# Hobbies



## DustinB09 (Jun 4, 2013)

I have to share my fishing with bullriding, and i was just wondering what some of yalls other hobbies are and share some pics.


----------



## DustinB09 (Jun 4, 2013)

NPBR in Edna,tx


----------



## DustinB09 (Jun 4, 2013)

Cpra finals Angelton,tx


----------



## HoustonKid (Dec 29, 2005)

Riding, but not bulls.


----------



## DustinB09 (Jun 4, 2013)

CBR event in uvalde, tx


----------



## Sight Cast (May 24, 2004)

Our old man Outsider chunking Pistol Robinson at Cedar Park PBR


----------



## DustinB09 (Jun 4, 2013)

I was there last year for the cpra i believe the day before that!! Awesome


----------



## jamisjockey (Jul 30, 2009)

You couldn't pay me enough to get me on a Bull!

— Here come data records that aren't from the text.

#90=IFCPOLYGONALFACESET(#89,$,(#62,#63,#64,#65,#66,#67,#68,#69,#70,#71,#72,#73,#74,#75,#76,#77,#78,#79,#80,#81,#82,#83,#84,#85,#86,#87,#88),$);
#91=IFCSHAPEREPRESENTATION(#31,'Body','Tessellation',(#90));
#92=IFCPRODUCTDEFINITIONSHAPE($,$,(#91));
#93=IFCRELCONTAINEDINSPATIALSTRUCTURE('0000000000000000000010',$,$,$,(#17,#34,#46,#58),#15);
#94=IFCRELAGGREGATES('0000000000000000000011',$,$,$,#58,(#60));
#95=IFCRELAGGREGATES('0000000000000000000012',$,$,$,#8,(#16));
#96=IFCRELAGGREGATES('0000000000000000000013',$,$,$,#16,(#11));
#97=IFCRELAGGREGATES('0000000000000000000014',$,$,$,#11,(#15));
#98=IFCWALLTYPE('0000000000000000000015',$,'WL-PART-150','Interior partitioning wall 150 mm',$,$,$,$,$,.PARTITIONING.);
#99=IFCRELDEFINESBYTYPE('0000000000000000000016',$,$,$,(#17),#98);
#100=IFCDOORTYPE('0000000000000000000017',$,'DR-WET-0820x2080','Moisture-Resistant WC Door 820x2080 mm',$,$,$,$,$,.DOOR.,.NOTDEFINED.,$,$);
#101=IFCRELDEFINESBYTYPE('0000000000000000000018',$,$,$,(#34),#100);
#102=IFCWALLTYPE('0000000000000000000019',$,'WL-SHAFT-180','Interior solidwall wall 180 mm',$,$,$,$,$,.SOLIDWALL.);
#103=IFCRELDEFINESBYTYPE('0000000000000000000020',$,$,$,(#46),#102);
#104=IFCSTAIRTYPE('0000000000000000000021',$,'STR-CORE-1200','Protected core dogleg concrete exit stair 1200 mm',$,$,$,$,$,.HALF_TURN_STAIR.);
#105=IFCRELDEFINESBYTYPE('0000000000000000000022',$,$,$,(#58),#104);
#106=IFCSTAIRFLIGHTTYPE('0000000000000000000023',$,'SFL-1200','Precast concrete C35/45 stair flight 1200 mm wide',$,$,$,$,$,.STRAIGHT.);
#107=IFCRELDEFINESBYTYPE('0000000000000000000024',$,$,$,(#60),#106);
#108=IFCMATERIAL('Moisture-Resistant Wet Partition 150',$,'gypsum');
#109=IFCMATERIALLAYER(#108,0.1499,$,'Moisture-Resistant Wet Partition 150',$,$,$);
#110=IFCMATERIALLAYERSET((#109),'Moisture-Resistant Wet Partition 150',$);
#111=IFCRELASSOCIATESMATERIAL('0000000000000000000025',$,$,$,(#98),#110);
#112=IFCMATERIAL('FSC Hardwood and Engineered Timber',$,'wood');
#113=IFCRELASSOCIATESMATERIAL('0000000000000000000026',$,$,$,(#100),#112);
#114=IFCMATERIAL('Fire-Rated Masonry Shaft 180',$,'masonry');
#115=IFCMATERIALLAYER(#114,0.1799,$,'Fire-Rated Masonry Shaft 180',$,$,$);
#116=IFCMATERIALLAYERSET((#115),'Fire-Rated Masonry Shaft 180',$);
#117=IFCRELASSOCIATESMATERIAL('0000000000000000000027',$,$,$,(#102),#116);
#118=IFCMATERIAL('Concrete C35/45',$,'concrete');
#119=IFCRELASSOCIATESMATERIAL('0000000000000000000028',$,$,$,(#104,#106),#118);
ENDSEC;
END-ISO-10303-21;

Other hobbies besides fishing? Shooting and bicycling are pretty much it. I've learned to build my own AR15's so that's gotten really dangerous to the wallet.


----------



## Sight Cast (May 24, 2004)

Dustin, anytime you or your buddies need to practice, we are in Kenedy tx. No too far from Needville.


----------



## tbone2374 (Feb 27, 2010)

Fishing... what else is there...


----------



## spurgersalty (Jun 29, 2010)

Reloading, long range shooting, hunting, golf, frogging, archery tourns., cooking, building things, farming.....

Â©


----------



## 9121SS (Jun 28, 2009)

Fishing, ATV's, Fishing, Hunting, Fishing, Building trailers and hog traps, Fishing!

I like to fish too!


----------



## coastman (Apr 18, 2013)

Well besides fishing I've been working on my old truck for the past few years.


----------



## Blk Jck 224 (Oct 16, 2009)

As a homeowner with a swimming pool & running a boat in saltwater, there is not time for another hobby. I can barely keep up with what is on my plate as it is.


----------



## fishNwithfish (Aug 17, 2011)

Fishing and a avid saltwater aquarist. 

Sent from my SPH-L900 using Tapatalk 4 Beta


----------



## DustinB09 (Jun 4, 2013)

Those tanks are awesome


----------



## Fish_On! (May 25, 2012)

View attachment 628836


Me in the front yard of my Sigma Nu Frat house at OU after drinking half a bottle of Crown during our weeklong end of year party called Border Dance.
(1987)


----------



## Fish_On! (May 25, 2012)

fish_on! said:


> View attachment 628836
> 
> 
> me in the front yard of my sigma nu frat house at ou after drinking half a bottle of crown during our weeklong end of year party called border dance.
> (1987)


----------



## DustinB09 (Jun 4, 2013)

Haha right on!


----------



## fishing-guru (Feb 2, 2011)

I am getting a Jeep wrangler soon for offroading but for now I play with my mosin nagant. 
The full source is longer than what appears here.